Aduh, ini kok cita rasanya sama kayak lagi diajak ngobrol sama om sendiri ya? "Aduh, jangan nangis, coba sini lukanya, Om mau lihat." Nggak masalah lah ya, yang penting sukses.

"Nggak apa-apa. Kakak ngerjain punya Kakak aja." Jual mahal dulu lah, murahnya nanti kalau dunia udah kebalik.

Setelah itu, Sasuke sedikit memperlihatkan lembar jawabannya yang sudah penuh dengan jawaban, termasuk lima soal essaynya. "Nggak sombong nih ya, kalo Kakak bisa ya sini dikerjain."

Sombong itu, elah. Untung ganteng, kalo nggak udah Sakura tinggal ke toilet kali. Tapi yang namanya rezeki, nggak datang dua kali, kalau ditolak ya nanti susah hati. Sakura langsung menggeser soalnya ke Sasuke, cowok itu langsung mencermati soalnya dan sibuk sendiri di sana.

Sepertinya belum ada lima menit, kakak kelasnya ini sudah menyelesaikan dua soal essay yang emang nggak ketemu hasilnya. Kayak ini soal anak SD kali ya, pakai jarimatika, nggak ada dua menit kelar.

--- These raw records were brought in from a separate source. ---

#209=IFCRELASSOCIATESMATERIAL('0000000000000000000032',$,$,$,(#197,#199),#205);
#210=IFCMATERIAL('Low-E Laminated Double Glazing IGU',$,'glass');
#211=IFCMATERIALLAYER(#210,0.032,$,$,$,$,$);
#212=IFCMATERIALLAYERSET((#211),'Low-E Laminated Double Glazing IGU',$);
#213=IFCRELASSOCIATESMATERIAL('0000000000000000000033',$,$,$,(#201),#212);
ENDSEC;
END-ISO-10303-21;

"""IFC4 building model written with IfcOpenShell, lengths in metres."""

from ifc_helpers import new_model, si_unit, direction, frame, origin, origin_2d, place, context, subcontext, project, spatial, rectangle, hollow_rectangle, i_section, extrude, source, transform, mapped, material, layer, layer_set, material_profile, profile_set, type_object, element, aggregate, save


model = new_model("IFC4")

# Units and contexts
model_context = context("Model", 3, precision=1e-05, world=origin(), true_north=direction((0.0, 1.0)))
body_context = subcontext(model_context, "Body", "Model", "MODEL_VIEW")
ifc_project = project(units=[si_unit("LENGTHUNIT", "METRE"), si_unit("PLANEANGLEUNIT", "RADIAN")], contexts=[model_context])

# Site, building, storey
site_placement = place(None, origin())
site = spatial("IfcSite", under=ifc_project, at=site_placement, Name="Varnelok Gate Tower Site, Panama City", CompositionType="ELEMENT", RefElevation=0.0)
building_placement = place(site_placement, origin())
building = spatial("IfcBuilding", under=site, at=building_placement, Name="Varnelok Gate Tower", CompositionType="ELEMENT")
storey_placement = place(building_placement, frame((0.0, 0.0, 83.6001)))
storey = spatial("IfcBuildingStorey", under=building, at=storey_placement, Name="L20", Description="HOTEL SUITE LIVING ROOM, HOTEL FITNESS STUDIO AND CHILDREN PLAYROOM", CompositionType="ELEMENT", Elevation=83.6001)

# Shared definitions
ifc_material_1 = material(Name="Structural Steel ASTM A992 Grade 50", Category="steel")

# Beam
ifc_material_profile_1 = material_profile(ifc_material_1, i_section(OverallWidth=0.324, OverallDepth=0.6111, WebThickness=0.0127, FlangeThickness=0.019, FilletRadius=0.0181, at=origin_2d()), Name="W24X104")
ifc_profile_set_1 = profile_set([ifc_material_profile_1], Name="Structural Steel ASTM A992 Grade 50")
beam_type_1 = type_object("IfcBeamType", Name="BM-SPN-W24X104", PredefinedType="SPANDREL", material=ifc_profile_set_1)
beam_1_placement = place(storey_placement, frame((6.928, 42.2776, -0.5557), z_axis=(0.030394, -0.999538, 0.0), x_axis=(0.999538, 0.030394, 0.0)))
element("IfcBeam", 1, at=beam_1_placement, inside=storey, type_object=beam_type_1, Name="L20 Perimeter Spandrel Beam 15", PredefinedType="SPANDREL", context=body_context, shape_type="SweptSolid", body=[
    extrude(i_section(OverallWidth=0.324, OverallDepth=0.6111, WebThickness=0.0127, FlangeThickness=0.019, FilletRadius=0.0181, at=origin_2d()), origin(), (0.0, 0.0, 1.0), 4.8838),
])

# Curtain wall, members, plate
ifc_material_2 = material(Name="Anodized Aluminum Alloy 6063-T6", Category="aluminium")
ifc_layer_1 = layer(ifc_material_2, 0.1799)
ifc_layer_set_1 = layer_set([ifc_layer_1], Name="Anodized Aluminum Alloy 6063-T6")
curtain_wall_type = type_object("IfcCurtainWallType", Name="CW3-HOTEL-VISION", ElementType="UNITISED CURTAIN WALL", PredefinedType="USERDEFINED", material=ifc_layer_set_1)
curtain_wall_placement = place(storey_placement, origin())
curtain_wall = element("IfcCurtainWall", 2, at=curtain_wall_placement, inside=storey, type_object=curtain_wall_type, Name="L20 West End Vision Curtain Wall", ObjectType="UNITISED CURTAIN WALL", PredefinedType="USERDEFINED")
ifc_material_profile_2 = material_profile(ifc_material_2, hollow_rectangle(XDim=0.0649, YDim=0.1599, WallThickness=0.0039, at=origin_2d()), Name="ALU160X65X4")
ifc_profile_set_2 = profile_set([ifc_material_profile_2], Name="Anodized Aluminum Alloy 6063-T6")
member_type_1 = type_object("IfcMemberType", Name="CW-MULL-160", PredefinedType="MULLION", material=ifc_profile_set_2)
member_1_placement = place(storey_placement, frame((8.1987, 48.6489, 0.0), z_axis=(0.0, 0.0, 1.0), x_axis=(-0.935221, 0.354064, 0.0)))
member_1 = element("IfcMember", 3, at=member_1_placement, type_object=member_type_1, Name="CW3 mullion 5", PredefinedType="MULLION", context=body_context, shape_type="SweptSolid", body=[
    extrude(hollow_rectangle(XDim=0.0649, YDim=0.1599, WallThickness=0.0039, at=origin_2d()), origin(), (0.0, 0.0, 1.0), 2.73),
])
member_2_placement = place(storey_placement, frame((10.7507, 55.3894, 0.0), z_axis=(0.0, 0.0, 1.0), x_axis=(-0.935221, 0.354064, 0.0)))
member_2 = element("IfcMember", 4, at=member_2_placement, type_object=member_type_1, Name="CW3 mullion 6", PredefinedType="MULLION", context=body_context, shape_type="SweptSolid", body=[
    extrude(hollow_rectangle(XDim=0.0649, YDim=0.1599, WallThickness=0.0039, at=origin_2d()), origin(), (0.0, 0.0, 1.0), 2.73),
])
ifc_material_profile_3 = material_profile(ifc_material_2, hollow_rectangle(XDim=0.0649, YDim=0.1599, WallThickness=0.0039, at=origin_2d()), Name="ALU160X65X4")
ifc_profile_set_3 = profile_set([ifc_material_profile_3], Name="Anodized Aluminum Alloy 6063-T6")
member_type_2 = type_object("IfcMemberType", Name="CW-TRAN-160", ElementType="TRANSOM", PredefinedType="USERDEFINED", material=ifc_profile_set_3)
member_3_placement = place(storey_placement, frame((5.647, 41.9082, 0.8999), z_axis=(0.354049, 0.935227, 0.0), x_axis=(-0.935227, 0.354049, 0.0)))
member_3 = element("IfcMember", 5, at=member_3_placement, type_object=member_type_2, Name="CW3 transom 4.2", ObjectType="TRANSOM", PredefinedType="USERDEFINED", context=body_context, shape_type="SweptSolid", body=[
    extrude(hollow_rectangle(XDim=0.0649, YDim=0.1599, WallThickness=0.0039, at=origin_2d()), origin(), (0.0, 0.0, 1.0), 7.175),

"Diteliti lagi, masih ada waktu lima menit."

Ebuset, perasaan tadi masih kurang duapuluh menit deh. Tanpa perlu aba-aba dua kali, Sakura langsung menyalin jawaban yang Sasuke kerjakan. Dan selesai tepat saat bel berbunyi.

Tapi ada yang aneh di situ. Bukan masalah pengerjaannya yang kelewat singkat, tapi tulisan jelek yang ditulis di bagian ujung lembaran soal. Sakura kembali membuka soalnya, tepat pada tulisan Sasuke.

Membuat Sakura menganga saat membacanya dan menatap Sasuke yang memasang tampang potongan wortel di dalam sayur sop.

Sayur emang manusia itu. Baru juga kenal, udah main hajar anak orang aja.

Sakura nggak lemah kok, iya :')

.

.

.

Groginya dikurangin. Baru juga duduk sebangku, gimana nanti duduk sepelaminan? xx

.

.

.

[FIN]

A.n : Iya-iya, Sakura di sini saya banget. Suka ngehalu, apalagi sama kakak kelas voli yang tamparan servisnya bikin keringet dingin. Lemah banget, iya.

Nggak berharap banyak juga sih, Cuma semoga menghibur aja!

Oiya, buat yang lagi ukk, kita senasib :') puasa memang banyak banget cobaannya. Semangat selalu tapi!

Btw, mau dibuatin sequel nggak nih? Kalau nggak ya tetep saya buat.